Did the family have any information or files. A machinist who builds something of this size USUALLY makes some notes and or drawings and they may not yet have made it to the trash if someone knows to ask or look for them. 

The only way [and Gary can confirm this] to establish any real value is to have someone knowledgeable in 1.5 in scale live steam see it in person. I have seen locos like this go at auction at Cabin Fever for only a few hundred dollars to a coupe of thousand. Since there is apparently no provenance or even a boiler inspection certificate, any buyer may be getting a "gem in the rough" or a "pig in a poke" and will make an offer accordingly. Remember, wider track gauge does not always spell more dollars. 

Good luck. Good points all, Jim. We paid about $2000 and some change for our ten-wheeler kit in November 1980. This included all the castings (unmachined BTW), prints and a complete welded and finished steel boiler with copper flues (Certified with the welders stamp on the boiler). The boiler was about $900+ then. To actually complete the locomotive, we had to buy all the steel for the loco frame and machine it, steel for the tender, fabricate our own tender tank, build our own trucks for the tender, lots of brass for bearings and all the goodies that had to be machined.......Gene gave us a price of $14,500 for a completed locomotive ready to steam and be delivered in one year (same day we purchased the kit). If I had known then, what I know now, I would have bought a ready to run steamer that day! I would have spent a lot less money!! The only joy I received was that I actually built the damn thing myself! And not too many of us have done that.

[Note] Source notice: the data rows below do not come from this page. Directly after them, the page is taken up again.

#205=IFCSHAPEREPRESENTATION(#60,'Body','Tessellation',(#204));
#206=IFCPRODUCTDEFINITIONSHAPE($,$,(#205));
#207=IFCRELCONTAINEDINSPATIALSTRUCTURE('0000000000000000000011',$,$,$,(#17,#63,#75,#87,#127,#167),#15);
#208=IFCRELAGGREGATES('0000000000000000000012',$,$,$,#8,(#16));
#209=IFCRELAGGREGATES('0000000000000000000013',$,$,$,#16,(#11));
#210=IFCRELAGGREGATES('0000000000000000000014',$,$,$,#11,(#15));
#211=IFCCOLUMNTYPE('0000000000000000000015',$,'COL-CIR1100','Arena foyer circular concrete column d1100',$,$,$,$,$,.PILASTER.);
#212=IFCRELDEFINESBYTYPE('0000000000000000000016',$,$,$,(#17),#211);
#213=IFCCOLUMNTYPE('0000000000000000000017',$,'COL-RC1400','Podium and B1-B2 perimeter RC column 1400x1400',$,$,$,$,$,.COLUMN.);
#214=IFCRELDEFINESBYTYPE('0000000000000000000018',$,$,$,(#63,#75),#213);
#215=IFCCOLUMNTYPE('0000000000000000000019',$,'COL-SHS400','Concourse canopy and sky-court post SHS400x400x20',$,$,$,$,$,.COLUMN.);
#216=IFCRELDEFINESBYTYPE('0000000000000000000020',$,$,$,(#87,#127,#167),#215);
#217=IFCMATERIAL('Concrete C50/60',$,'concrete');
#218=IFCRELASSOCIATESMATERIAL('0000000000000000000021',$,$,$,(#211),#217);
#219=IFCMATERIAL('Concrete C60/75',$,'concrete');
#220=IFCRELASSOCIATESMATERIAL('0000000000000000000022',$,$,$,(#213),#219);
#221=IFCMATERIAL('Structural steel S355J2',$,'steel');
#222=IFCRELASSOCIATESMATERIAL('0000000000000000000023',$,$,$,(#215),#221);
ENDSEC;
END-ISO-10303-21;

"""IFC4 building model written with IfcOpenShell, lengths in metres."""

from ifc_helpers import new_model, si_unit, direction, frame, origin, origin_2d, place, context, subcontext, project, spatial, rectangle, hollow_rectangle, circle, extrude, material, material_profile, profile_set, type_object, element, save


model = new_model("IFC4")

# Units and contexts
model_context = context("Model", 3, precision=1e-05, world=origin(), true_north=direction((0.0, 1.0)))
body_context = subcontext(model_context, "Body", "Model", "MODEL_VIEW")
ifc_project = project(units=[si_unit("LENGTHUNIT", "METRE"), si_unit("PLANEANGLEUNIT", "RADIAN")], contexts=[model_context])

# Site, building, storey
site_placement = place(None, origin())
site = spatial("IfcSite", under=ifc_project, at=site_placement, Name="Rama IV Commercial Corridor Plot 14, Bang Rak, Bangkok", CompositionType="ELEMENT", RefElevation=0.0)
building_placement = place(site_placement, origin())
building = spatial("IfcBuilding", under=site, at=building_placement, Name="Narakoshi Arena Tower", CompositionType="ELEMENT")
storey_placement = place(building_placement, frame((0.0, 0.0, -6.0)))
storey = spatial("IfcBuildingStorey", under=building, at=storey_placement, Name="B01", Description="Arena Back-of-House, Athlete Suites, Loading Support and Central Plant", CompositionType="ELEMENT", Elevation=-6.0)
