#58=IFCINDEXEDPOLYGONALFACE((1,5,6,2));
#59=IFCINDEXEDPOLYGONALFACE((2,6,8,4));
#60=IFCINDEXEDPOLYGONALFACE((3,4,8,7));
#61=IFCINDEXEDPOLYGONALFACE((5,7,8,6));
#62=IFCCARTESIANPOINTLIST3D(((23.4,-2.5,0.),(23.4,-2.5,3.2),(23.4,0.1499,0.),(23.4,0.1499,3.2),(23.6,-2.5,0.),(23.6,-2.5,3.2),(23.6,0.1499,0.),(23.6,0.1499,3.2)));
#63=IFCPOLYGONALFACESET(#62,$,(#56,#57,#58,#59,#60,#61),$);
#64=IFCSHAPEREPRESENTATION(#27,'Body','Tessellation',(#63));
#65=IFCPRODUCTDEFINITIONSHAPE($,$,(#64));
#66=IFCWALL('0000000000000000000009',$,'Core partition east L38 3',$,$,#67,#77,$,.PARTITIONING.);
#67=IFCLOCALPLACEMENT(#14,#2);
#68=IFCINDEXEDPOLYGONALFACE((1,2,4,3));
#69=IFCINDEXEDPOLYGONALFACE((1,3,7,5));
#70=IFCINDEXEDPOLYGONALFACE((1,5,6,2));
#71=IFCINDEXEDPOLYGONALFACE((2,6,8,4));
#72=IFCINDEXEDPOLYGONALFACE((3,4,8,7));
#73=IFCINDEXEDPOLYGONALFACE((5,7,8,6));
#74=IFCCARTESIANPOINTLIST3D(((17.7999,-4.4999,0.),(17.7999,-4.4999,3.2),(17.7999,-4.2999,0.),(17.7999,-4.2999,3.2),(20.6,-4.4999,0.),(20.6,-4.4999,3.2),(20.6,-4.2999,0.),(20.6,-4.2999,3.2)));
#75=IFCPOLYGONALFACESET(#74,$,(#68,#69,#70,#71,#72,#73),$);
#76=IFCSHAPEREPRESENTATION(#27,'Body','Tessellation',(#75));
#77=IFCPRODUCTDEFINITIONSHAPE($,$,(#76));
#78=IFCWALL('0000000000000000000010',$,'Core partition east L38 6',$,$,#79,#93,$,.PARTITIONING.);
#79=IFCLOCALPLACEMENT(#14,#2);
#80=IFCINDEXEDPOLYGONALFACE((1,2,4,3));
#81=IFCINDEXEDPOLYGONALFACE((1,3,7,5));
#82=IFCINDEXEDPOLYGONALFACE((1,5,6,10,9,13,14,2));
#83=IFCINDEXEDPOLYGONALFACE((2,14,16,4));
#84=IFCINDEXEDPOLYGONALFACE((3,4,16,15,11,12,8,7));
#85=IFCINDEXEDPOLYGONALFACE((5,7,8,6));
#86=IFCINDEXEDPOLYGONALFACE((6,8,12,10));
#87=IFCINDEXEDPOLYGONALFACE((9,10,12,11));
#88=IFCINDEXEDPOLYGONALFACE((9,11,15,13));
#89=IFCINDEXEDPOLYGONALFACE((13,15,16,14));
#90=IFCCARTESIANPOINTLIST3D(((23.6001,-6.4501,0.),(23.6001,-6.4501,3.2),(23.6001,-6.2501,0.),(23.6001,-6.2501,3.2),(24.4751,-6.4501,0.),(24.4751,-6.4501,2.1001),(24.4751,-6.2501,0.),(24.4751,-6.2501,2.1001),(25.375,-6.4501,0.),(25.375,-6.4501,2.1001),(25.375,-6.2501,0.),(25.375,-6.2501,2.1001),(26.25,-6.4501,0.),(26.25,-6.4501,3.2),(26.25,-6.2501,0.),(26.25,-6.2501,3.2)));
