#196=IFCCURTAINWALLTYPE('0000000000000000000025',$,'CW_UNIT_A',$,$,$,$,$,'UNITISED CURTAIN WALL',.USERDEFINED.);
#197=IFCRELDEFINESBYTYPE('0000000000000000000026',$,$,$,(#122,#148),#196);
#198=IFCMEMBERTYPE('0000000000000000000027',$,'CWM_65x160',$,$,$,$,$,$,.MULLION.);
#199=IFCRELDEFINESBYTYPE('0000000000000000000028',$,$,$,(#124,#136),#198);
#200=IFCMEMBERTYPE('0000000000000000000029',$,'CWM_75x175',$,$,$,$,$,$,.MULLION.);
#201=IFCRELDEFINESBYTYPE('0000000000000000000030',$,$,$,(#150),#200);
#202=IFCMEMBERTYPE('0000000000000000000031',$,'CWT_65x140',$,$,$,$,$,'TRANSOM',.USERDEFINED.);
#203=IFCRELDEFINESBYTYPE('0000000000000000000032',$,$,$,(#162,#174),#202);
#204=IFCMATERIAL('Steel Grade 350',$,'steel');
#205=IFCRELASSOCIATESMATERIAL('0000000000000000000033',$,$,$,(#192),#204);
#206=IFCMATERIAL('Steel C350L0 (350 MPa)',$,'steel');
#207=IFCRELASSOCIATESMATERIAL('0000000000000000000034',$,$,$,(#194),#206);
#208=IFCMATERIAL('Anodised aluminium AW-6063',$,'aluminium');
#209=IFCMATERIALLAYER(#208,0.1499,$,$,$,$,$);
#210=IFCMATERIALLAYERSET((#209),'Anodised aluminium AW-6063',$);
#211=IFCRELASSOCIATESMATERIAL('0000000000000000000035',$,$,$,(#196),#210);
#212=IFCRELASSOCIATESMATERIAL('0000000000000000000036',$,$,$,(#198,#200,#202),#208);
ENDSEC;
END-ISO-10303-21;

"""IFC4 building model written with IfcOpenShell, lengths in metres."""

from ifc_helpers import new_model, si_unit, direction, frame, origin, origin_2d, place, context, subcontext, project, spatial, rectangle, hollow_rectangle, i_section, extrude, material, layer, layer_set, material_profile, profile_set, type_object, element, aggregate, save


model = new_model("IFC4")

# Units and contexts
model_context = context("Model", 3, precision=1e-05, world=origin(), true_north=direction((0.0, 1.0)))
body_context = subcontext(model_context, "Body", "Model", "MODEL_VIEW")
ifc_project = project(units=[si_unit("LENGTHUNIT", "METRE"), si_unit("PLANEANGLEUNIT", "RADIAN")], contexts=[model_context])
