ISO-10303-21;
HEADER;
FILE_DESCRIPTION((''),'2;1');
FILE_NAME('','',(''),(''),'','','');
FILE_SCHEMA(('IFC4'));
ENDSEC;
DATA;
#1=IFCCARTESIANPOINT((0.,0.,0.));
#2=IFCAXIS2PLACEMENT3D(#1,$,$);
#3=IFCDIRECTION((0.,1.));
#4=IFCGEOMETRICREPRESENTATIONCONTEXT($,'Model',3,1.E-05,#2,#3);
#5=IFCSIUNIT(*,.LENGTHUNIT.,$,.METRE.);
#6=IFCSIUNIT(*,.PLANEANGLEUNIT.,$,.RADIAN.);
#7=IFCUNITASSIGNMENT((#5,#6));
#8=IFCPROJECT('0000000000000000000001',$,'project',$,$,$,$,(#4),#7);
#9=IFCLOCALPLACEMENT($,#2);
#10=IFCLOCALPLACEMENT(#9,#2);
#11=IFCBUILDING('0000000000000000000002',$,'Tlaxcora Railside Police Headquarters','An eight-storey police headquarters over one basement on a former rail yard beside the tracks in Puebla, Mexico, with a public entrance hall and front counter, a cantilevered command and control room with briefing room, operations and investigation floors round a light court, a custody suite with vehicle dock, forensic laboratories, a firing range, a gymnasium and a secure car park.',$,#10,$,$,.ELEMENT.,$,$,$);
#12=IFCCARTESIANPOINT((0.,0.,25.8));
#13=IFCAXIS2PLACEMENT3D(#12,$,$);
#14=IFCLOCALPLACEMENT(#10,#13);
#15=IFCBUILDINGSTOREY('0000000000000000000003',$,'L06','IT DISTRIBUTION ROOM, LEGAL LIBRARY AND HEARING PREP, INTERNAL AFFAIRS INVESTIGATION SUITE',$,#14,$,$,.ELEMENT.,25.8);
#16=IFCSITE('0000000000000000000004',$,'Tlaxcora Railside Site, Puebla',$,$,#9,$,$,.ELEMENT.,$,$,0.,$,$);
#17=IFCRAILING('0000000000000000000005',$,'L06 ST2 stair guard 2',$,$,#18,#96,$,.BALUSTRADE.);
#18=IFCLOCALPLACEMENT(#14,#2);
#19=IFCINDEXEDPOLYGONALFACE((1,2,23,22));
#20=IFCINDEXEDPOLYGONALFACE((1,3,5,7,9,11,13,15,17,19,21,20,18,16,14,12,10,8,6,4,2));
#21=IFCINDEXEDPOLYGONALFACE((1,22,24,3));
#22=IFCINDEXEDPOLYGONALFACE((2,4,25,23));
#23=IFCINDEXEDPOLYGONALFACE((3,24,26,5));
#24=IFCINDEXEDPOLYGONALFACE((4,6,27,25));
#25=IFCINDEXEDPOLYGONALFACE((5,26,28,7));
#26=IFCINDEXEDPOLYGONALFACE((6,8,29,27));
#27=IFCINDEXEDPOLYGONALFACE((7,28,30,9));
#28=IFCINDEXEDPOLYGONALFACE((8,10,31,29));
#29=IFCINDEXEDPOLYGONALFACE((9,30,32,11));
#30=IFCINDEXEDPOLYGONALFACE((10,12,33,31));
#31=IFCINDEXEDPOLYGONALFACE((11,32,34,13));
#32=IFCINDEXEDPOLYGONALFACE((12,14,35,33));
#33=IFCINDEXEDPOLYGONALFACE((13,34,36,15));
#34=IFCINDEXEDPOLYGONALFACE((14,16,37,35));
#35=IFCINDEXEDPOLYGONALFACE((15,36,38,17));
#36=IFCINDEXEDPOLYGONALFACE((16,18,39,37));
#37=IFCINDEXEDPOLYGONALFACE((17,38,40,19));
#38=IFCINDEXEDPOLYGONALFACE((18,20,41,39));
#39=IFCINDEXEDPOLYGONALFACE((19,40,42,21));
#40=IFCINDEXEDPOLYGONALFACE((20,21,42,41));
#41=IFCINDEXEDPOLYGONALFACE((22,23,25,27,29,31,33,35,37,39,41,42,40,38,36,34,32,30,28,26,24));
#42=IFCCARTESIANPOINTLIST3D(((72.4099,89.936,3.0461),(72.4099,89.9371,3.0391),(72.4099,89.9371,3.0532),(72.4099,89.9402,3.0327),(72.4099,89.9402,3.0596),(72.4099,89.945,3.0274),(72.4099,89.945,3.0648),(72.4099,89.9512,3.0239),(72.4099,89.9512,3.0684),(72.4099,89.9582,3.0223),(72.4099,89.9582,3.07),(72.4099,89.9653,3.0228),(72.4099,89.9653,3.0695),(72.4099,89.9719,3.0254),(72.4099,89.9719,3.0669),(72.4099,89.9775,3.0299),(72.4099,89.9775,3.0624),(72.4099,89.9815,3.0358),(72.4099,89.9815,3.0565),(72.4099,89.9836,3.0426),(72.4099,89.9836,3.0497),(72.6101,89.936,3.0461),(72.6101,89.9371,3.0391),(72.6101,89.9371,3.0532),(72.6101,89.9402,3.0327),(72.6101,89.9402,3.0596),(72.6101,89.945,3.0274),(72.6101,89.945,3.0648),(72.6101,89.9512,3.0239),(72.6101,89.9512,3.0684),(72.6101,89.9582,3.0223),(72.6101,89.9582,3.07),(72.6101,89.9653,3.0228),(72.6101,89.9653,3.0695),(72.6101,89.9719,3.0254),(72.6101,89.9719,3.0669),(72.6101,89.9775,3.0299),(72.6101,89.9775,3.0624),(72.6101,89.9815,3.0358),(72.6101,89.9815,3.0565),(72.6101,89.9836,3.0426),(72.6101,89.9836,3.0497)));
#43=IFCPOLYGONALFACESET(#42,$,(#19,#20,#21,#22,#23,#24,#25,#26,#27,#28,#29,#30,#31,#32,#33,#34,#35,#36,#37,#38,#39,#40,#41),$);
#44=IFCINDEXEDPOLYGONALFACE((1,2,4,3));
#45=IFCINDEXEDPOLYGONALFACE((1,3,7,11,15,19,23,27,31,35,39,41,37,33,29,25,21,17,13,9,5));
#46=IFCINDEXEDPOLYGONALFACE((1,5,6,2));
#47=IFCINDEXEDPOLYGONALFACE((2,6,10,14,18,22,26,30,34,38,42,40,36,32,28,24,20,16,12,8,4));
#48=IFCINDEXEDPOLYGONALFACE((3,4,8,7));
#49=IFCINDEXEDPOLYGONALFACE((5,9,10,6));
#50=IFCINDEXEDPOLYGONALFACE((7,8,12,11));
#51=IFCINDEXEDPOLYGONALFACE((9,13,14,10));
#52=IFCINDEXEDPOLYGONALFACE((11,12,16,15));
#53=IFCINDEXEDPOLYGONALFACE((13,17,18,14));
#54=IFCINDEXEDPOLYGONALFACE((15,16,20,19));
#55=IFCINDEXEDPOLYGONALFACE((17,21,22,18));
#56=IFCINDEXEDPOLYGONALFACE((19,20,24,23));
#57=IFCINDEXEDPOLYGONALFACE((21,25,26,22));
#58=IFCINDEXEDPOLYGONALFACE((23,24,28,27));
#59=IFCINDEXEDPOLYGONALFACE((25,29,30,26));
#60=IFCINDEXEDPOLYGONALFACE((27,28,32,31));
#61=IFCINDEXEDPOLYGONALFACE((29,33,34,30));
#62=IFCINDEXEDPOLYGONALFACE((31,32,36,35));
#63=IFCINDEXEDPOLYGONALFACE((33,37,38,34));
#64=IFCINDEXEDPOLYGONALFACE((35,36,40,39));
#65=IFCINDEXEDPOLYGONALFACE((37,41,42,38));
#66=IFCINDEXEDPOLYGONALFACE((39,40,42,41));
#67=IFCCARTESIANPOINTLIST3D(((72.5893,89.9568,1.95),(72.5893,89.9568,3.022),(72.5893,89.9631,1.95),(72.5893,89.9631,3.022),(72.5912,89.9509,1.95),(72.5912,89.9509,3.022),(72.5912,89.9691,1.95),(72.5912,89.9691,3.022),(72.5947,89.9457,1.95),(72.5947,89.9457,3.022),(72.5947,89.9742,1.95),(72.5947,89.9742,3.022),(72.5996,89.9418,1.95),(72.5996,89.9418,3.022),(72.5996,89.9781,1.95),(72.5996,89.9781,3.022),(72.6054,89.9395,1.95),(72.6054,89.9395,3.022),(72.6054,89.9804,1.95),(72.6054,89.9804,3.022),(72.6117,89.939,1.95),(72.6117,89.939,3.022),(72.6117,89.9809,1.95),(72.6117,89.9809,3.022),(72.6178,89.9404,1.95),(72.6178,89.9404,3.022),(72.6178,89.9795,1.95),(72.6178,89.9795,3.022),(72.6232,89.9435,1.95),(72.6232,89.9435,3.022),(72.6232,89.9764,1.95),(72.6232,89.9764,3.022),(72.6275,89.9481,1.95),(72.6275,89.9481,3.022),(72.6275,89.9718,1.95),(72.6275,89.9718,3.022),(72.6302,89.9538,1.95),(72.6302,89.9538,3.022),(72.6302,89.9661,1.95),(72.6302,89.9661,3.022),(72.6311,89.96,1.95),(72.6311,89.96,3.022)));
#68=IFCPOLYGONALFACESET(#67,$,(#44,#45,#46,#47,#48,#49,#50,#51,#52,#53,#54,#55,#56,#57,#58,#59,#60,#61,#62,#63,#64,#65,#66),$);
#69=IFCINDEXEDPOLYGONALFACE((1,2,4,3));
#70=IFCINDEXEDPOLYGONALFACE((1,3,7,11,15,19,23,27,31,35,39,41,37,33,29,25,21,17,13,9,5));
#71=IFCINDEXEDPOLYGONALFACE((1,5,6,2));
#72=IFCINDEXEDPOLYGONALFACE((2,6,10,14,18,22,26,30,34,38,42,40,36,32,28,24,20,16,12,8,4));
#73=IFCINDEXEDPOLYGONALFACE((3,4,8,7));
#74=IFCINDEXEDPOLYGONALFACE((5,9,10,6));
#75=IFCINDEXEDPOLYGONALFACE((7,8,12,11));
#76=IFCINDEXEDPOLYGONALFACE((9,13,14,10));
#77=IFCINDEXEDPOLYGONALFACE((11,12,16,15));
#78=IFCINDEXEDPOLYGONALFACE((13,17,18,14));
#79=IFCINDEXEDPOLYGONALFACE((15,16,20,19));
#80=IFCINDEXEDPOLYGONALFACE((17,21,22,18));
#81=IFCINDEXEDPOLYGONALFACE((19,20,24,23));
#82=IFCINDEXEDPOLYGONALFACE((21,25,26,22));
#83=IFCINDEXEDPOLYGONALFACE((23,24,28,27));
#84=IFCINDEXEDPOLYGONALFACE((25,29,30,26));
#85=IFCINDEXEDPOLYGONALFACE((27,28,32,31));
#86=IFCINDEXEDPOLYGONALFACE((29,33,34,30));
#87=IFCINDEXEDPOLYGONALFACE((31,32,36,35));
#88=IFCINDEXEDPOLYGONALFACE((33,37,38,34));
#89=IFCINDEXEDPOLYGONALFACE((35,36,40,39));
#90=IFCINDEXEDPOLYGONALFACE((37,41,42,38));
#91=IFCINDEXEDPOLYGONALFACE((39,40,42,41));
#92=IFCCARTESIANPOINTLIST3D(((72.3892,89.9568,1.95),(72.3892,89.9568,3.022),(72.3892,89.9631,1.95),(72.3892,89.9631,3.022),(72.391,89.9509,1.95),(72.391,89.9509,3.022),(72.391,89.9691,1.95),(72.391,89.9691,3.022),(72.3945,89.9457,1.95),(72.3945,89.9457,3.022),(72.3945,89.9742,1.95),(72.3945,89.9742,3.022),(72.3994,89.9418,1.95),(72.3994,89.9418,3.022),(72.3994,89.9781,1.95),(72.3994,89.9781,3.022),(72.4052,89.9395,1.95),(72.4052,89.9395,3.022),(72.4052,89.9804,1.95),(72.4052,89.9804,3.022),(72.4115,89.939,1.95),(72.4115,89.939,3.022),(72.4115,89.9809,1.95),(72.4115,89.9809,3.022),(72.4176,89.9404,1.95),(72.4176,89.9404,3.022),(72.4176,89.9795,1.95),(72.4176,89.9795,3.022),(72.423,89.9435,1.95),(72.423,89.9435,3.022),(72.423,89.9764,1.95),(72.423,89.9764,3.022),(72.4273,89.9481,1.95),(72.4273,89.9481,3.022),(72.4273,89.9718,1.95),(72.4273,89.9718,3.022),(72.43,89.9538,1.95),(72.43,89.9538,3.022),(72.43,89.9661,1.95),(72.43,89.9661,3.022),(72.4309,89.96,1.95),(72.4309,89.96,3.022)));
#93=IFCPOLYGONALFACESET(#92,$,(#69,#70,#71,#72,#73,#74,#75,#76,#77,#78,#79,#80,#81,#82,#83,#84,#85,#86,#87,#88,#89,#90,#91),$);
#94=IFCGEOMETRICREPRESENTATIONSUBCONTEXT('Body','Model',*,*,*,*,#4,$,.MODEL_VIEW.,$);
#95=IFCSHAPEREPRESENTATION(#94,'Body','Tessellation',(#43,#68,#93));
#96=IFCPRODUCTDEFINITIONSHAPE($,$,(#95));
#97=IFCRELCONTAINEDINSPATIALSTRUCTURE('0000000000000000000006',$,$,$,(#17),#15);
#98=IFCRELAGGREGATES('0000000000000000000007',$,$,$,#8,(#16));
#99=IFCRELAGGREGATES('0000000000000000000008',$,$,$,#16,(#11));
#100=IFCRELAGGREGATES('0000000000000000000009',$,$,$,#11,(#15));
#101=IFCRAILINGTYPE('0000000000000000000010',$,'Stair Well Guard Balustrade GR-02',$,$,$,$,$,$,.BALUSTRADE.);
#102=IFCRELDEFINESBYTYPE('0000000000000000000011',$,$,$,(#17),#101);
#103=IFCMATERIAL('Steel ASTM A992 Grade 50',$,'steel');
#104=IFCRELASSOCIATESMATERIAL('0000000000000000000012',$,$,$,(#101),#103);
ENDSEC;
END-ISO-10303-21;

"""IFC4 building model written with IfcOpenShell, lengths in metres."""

from ifc_helpers import new_model, si_unit, direction, frame, origin, origin_2d, place, context, subcontext, project, spatial, circle, extrude, material, type_object, element, save


model = new_model("IFC4")

# Units and contexts
model_context = context("Model", 3, precision=1e-05, world=origin(), true_north=direction((0.0, 1.0)))
body_context = subcontext(model_context, "Body", "Model", "MODEL_VIEW")
ifc_project = project(units=[si_unit("LENGTHUNIT", "METRE"), si_unit("PLANEANGLEUNIT", "RADIAN")], contexts=[model_context])

# Site, building, storey
site_placement = place(None, origin())
site = spatial("IfcSite", under=ifc_project, at=site_placement, Name="Tlaxcora Railside Site, Puebla", CompositionType="ELEMENT", RefElevation=0.0)
building_placement = place(site_placement, origin())
building = spatial("IfcBuilding", under=site, at=building_placement, Name="Tlaxcora Railside Police Headquarters", Description="An eight-storey police headquarters over one basement on a former rail yard beside the tracks in Puebla, Mexico, with a public entrance hall and front counter, a cantilevered command and control room with briefing room, operations and investigation floors round a light court, a custody suite with vehicle dock, forensic laboratories, a firing range, a gymnasium and a secure car park.", CompositionType="ELEMENT")
storey_placement = place(building_placement, frame((0.0, 0.0, 25.8)))
storey = spatial("IfcBuildingStorey", under=building, at=storey_placement, Name="L06", Description="IT DISTRIBUTION ROOM, LEGAL LIBRARY AND HEARING PREP, INTERNAL AFFAIRS INVESTIGATION SUITE", CompositionType="ELEMENT", Elevation=25.8)

# Shared definitions
ifc_material_1 = material(Name="Steel ASTM A992 Grade 50", Category="steel")

# Railing
railing_type_1 = type_object("IfcRailingType", Name="Stair Well Guard Balustrade GR-02", PredefinedType="BALUSTRADE", material=ifc_material_1)
railing_1_placement = place(storey_placement, frame((72.6101, 89.96, 1.95)))
element("IfcRailing", 1, at=railing_1_placement, inside=storey, type_object=railing_type_1, Name="L06 ST2 stair guard 2", PredefinedType="BALUSTRADE", context=body_context, shape_type="SweptSolid", body=[
    extrude(circle(Radius=0.0239, at=origin_2d()), frame((0.0, 0.0, 1.0962), z_axis=(-1.0, 0.0, 0.0), x_axis=(0.0, -1.0, 0.0)), (0.0, 0.0, 1.0), 0.2002),
    extrude(circle(Radius=0.021, at=origin_2d()), origin(), (0.0, 0.0, 1.0), 1.072),
    extrude(circle(Radius=0.021, at=origin_2d()), frame((-0.2002, 0.0, 0.0)), (0.0, 0.0, 1.0), 1.072),
])

save(model, "model.ifc")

Right now, you can probably get a mogul or ten-wheeler in "cherry" condition for less than $7K-$8K. My steamin' buddy and a another and I have been building a 3 3/4"/ft NG Porter for the past ten years. Just got it running last September. STILL lots of work to do! But we finally have our BIG NG engine. We designed this sucker by the seat of our pants....freelance. As a matter of fact, Rodney Edington called me a few weeks ago, saying he had purchased a one inch scale Little Engines Pacific from (shhhhhh Marty Cozad) for a good price and was about to get involved in that scale.

These engines are really difficult to price out. Just too many variables.


----------



## gra2472 (Mar 1, 2009)

I'm with Gary, you have to take this to a live steamers club and have them look at it closely. The biggest question is the boiler, first if it was built right, second if it was cared for properly, and lastly is there any life left in it. Unfortunately the market for locomotives like this is small to begin with, most people want something with a pilot truck and a tender to ride on so the 0-4-0' often go cheap, especially in a down economy.


----------



## Taigh Ramey (Feb 10, 2013)

A member recognized the engine and says he knows the builder who made it from his own castings. I am excited to hear more so I have asked him for the details and to get in touch with the builder. Great news! 

Thanks for all of your help and advice. I agree that I need to take it to a local club for an inspection and testing. I did some cleaning yesterday and it is in real nice shape. Under the dust the paint is real nice and inside the front cap looks very nice too. I will post more photos later. 

gra2472- it came complete with the maintenance stand and two cars. A flat car with the engineers seat that doubles as a coal box and a gondola that has two benches. The trucks are heavy and the wheels are lathe turned. It has aluminum cast couplings with a spare in the tool box. The tool box is loaded with parts, lube etc. There are two pieces of track that I assume are for loading into the car or onto the club track. It seems to be a complete outfit.


----------